Comment est née l’idée de Moi, Delphine, 13 ans… ?
Je travaille entre autres en tant que scénariste pour la télévision, et TF1 avait un projet de téléfilm sur le thème des villages d’enfants, avec Annie Duperey dans son rôle de marraine de villages. Ce projet n’a pas abouti et c’est naturellement devenu un roman. Je me suis rendue une journée entière dans un village situé dans le nord de la France, j’ai déjeuné avec des mères SOS, visionné des reportages… Depuis des années je suis donatrice de cette association, j’étais donc déjà bien informée sur leur fonctionnement, et cette visite a permis d’aller très vite à l’essentiel. C’était une rencontre très forte et très émouvante. Mais ensuite, quand il a fallu écrire, je ne savais pas très bien comment aborder tout cela. Catherine Tessandier, qui travaille pour Pocket, m’a alors contactée pour écrire un roman sous forme de lettres, et le déclic s’est fait tout de suite : ce serait celui-ci, cette histoire. J’avais toute la matière depuis deux ans, et à partir du moment où la forme d’écriture a été trouvée, je l’ai écrit en un mois. J’ai publié une vingtaine de romans, mais c’est celui sur lequel j’ai le plus pleuré ! Je suis bien rentrée dans la peau de Delphine, et les témoignages que j’ai reçus depuis que le texte est paru sont tous très encourageants.

J’entends pleurer la nuit est postfacé par Annie Gaudière, directrice d’Allo Enfance Maltraitée, L’île de mon père par l’Unicef, Moi, Delphine, 13 ans… contient un encart sur les villages d’enfants… Est-ce une volonté de votre part, ou bien des éditeurs, que celle d’associer vos romans à ces ancrages "réels", quotidiens, associatifs ?
C’est une volonté de ma part, toujours. J’ai toujours donné la parole aux enfants depuis le premier livre, paru en 1985 et qui traite d’une adolescente scandalisée par la maladie d’Alhzeimer. J’ai constamment écrit du point de vue des ados, et toujours traité des crises d’adolescence, des crises des maturation, de la découverte du monde tel qu’il était. Mis à part La petite annonce, qui est totalement inventé, et qui s’inspire juste de nos habitudes familiales de promenades le dimanche, mes romans sont tous inspirés de situations vécues ou non dans mon entourage mais que des ados vivent au quotidien. Il y a un cheminement de ma part vers la maltraitance. A l’origine de l’écriture de J’entends pleurer la nuit, il y a le fait d’avoir vécu une année en dessous d’un appartement dans lequel une fillette pleurait, maltraitée psychologiquement.
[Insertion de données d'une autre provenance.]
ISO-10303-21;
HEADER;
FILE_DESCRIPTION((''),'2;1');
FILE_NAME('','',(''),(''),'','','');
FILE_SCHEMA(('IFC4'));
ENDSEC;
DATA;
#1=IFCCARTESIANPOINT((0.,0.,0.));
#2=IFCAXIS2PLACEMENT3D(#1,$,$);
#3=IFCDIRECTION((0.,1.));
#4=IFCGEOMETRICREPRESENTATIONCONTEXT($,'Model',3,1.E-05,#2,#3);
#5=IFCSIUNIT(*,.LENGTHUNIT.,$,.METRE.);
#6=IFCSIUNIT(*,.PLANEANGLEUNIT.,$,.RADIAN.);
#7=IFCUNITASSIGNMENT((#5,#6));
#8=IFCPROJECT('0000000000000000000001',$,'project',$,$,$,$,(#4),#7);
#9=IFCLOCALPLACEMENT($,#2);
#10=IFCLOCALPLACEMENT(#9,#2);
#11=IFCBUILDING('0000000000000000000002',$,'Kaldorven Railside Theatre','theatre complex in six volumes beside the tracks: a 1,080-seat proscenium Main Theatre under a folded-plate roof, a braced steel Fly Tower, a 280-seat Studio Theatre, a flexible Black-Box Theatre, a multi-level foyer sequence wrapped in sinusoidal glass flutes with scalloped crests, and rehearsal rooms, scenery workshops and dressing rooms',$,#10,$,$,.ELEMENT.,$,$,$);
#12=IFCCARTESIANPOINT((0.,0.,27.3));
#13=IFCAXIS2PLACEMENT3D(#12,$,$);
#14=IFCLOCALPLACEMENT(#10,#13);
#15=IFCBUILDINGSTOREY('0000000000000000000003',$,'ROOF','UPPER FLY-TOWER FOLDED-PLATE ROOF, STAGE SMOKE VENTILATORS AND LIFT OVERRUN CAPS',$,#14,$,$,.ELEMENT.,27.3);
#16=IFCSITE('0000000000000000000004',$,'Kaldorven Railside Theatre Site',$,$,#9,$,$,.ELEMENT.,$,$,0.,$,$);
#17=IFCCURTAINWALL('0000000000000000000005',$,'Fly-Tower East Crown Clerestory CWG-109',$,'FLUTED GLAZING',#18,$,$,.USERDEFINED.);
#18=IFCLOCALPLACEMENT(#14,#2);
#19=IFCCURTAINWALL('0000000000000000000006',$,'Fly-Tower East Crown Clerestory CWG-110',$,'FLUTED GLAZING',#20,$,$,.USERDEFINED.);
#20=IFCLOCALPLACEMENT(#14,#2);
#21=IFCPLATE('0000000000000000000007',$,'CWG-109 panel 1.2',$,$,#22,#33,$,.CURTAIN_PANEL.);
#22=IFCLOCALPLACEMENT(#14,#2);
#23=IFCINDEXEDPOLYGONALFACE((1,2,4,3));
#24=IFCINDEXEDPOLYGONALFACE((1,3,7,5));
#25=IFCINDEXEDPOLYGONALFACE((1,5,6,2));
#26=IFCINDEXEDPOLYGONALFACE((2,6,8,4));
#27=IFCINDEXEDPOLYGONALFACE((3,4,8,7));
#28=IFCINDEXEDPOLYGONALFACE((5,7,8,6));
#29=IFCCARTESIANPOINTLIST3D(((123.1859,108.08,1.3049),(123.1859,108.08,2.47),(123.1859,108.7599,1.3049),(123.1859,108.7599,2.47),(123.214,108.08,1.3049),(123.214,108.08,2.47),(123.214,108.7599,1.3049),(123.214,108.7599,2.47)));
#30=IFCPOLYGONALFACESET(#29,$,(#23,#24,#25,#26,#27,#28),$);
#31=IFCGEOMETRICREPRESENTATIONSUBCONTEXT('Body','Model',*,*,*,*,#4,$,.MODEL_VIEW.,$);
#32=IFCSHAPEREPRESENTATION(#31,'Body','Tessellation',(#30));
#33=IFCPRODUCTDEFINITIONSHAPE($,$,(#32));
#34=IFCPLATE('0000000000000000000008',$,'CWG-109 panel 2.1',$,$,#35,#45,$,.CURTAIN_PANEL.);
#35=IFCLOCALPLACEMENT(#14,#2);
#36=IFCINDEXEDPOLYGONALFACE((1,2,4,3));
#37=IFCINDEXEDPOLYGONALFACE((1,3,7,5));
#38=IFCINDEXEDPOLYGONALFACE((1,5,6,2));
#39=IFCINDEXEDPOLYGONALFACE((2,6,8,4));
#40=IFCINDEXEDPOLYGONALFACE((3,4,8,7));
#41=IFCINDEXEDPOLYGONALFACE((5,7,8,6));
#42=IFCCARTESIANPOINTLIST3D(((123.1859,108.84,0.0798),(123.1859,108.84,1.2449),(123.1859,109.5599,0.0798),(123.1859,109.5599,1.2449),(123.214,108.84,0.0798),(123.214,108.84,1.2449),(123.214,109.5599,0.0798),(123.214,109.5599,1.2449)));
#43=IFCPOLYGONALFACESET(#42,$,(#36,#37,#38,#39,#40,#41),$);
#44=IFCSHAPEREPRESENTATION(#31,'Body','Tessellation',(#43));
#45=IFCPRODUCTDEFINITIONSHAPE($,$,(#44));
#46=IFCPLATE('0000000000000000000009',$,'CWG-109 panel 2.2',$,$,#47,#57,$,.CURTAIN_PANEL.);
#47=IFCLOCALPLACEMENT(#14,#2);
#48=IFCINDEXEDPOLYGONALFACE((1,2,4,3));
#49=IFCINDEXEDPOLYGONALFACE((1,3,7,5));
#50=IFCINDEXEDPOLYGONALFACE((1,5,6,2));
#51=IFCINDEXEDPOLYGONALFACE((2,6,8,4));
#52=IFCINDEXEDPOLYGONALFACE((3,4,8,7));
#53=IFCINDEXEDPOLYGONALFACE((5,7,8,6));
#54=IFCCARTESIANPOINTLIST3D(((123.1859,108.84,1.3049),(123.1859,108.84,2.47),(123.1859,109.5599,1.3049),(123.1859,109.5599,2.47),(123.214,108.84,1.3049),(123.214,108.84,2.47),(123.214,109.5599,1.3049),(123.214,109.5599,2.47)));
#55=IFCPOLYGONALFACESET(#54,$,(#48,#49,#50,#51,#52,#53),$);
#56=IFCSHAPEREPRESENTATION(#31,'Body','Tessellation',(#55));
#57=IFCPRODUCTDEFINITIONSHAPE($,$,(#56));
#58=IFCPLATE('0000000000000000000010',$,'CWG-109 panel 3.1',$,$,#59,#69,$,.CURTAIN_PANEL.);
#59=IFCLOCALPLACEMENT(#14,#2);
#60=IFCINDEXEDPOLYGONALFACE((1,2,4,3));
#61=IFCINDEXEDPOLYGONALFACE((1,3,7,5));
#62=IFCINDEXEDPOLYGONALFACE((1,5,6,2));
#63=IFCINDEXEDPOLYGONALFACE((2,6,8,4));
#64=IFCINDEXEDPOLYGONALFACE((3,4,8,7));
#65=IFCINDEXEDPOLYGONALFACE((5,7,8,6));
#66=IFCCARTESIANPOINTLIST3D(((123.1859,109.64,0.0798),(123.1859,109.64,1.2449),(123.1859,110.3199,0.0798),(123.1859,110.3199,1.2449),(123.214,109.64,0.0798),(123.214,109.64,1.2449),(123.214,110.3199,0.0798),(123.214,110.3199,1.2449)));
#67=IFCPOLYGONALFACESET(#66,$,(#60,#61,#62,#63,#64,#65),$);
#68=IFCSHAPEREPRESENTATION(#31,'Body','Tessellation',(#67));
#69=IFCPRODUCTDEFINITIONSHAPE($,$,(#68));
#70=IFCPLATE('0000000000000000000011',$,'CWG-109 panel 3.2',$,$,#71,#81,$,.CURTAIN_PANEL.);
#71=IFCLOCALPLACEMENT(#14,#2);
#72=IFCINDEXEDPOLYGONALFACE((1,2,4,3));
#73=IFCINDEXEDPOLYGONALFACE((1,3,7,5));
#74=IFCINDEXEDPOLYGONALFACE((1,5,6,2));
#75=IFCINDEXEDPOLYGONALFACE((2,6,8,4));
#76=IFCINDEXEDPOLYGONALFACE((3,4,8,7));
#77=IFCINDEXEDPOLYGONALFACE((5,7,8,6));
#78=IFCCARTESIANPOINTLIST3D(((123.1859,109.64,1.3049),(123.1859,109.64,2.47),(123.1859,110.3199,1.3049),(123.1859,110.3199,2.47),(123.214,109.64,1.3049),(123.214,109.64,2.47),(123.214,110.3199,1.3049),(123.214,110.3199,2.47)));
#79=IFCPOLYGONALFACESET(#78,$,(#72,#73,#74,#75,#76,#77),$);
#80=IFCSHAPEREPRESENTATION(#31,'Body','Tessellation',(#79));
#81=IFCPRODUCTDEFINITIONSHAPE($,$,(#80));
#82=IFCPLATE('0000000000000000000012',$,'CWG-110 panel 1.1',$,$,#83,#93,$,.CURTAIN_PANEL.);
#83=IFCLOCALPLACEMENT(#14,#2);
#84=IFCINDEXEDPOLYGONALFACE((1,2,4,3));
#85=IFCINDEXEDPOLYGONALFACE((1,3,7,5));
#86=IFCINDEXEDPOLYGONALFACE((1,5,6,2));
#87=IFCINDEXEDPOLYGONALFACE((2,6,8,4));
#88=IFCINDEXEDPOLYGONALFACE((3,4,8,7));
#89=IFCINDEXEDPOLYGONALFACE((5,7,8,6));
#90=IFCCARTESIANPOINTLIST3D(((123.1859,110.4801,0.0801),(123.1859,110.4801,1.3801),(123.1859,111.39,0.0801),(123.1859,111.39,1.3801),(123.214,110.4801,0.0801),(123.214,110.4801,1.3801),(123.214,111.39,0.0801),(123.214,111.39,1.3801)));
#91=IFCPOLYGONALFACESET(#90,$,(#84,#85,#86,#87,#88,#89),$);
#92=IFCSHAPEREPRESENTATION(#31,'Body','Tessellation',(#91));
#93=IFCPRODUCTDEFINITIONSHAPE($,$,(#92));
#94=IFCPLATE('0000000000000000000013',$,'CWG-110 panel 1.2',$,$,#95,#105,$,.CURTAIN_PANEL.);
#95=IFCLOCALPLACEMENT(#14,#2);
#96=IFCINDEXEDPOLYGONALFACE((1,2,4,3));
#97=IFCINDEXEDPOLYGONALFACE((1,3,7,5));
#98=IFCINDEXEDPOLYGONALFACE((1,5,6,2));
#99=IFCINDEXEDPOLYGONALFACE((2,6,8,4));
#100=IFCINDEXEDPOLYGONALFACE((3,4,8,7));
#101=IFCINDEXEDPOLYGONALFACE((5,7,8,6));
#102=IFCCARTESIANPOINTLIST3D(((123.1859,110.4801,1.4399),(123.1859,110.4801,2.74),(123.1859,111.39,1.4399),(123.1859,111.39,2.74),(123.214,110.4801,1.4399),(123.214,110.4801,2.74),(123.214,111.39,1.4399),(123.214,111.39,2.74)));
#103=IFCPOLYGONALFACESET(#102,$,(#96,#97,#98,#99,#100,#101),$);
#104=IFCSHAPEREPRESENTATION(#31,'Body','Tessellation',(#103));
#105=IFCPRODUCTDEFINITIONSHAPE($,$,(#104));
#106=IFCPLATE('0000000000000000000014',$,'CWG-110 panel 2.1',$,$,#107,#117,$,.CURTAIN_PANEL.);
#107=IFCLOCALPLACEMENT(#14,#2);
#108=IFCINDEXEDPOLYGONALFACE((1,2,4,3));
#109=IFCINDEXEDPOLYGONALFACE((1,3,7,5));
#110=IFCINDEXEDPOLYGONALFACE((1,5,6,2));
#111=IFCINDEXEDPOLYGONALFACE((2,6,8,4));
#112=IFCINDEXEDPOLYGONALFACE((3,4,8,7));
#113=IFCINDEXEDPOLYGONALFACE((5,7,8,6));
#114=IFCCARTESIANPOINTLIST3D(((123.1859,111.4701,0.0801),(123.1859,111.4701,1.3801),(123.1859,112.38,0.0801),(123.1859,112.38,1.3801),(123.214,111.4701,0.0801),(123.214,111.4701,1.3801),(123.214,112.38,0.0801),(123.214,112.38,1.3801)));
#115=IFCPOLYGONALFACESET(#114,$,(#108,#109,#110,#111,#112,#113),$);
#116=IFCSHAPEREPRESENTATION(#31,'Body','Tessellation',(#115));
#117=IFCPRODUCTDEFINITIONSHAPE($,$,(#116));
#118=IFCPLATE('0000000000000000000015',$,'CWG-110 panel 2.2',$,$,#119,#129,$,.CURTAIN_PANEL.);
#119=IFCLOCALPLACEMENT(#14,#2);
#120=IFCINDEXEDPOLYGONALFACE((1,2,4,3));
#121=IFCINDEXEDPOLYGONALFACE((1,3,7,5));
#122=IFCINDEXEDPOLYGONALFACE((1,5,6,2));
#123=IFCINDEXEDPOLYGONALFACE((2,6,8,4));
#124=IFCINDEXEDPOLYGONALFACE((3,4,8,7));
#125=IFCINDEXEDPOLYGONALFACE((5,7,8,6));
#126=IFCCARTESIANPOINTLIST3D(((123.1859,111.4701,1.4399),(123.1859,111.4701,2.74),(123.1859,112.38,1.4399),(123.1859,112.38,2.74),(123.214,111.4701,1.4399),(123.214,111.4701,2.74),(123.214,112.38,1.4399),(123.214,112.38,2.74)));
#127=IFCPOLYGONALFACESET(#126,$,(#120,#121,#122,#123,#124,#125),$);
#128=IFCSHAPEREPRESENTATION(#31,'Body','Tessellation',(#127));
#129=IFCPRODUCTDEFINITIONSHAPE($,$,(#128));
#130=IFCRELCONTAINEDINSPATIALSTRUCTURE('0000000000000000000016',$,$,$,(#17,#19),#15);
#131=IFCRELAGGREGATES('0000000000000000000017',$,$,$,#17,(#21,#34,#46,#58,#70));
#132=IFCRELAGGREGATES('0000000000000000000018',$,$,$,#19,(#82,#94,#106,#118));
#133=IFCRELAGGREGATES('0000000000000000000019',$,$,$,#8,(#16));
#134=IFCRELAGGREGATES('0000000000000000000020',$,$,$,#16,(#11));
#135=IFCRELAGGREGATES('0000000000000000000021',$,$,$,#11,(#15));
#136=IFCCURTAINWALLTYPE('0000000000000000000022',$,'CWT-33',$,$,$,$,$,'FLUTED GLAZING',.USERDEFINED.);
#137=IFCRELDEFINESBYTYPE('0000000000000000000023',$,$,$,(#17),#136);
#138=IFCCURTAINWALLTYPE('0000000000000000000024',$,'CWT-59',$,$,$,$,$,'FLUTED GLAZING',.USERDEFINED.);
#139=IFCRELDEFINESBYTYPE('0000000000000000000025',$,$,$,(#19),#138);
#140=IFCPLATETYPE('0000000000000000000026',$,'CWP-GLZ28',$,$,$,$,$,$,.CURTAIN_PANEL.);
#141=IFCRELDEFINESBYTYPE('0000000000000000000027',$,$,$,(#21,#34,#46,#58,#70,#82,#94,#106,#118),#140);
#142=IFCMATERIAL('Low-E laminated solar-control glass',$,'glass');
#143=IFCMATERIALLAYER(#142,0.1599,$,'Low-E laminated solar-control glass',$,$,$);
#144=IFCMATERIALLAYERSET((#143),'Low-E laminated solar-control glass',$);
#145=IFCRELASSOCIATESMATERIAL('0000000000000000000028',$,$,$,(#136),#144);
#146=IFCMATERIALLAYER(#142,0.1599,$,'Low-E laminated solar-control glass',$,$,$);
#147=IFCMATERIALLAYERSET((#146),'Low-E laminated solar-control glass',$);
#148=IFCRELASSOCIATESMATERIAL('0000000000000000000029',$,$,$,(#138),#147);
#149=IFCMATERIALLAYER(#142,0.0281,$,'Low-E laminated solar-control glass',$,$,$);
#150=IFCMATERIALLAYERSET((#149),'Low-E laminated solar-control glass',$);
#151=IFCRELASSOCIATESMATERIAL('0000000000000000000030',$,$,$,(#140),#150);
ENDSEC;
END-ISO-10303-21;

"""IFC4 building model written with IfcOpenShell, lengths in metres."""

from ifc_helpers import new_model, si_unit, direction, frame, origin, origin_2d, place, context, subcontext, project, spatial, rectangle, extrude, material, layer, layer_set, type_object, element, aggregate, save


model = new_model("IFC4")

# Units and contexts
model_context = context("Model", 3, precision=1e-05, world=origin(), true_north=direction((0.0, 1.0)))
body_context = subcontext(model_context, "Body", "Model", "MODEL_VIEW")
ifc_project = project(units=[si_unit("LENGTHUNIT", "METRE"), si_unit("PLANEANGLEUNIT", "RADIAN")], contexts=[model_context])

# Site, building, storey
site_placement = place(None, origin())
site = spatial("IfcSite", under=ifc_project, at=site_placement, Name="Kaldorven Railside Theatre Site", CompositionType="ELEMENT", RefElevation=0.0)
building_placement = place(site_placement, origin())
building = spatial("IfcBuilding", under=site, at=building_placement, Name="Kaldorven Railside Theatre", Description="theatre complex in six volumes beside the tracks: a 1,080-seat proscenium Main Theatre under a folded-plate roof, a braced steel Fly Tower, a 280-seat Studio Theatre, a flexible Black-Box Theatre, a multi-level foyer sequence wrapped in sinusoidal glass flutes with scalloped crests, and rehearsal rooms, scenery workshops and dressing rooms", CompositionType="ELEMENT")
storey_placement = place(building_placement, frame((0.0, 0.0, 27.3)))
storey = spatial("IfcBuildingStorey", under=building, at=storey_placement, Name="ROOF", Description="UPPER FLY-TOWER FOLDED-PLATE ROOF, STAGE SMOKE VENTILATORS AND LIFT OVERRUN CAPS", CompositionType="ELEMENT", Elevation=27.3)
Le mal dans la peau alterne les récits de Richard, l’ado, et de Fabienne, l’éducatrice ; L’île de mon père ceux de Jean-Philippe et de son fils ; Moi, Delphine, 13 ans… ceux des deux amies. C’est une forme d’écriture qui vous plaît ?
J’attends, pour écrire, d’avoir trouvé la forme qui s’adapte le mieux. Et, oui, j’aime les romans polyphoniques. Pour Le mal dans la peau, j’ai rencontré des gens de la protection judiciaire de la jeunesse. Et cela me paraissait plus vrai de montrer comme cela la réaction des adultes face à des ados en difficulté . Tout ça est une question d’honnêteté, je cherche la façon la plus adéquate pour raconter une histoire avec honnêteté, c’est-à-dire sans tricher, sans donner de leçons. C’est ce que je détestais dans la littérature que moi je lisais adolescente : qu’on me donne des leçons. C’est pour cela que je cherche souvent un point et un contrepoint. C’est important. Pour L’île de mon père, l’éditeur souhaitait que le récit se base uniquement sur le témoignage de Jean-Philippe, le père, qui a quitté la Réunion pour la France en 1965. Mais si j’avais construit le roman comme cela, je ne pense pas qu’il aurait parlé aux ados d’aujourd’hui. 1965 est trop loin pour eux, comment s’imaginer une ferme de la Creuse à cette époque ? C’est pour cela que le récit alterne avec celui de l’enfant.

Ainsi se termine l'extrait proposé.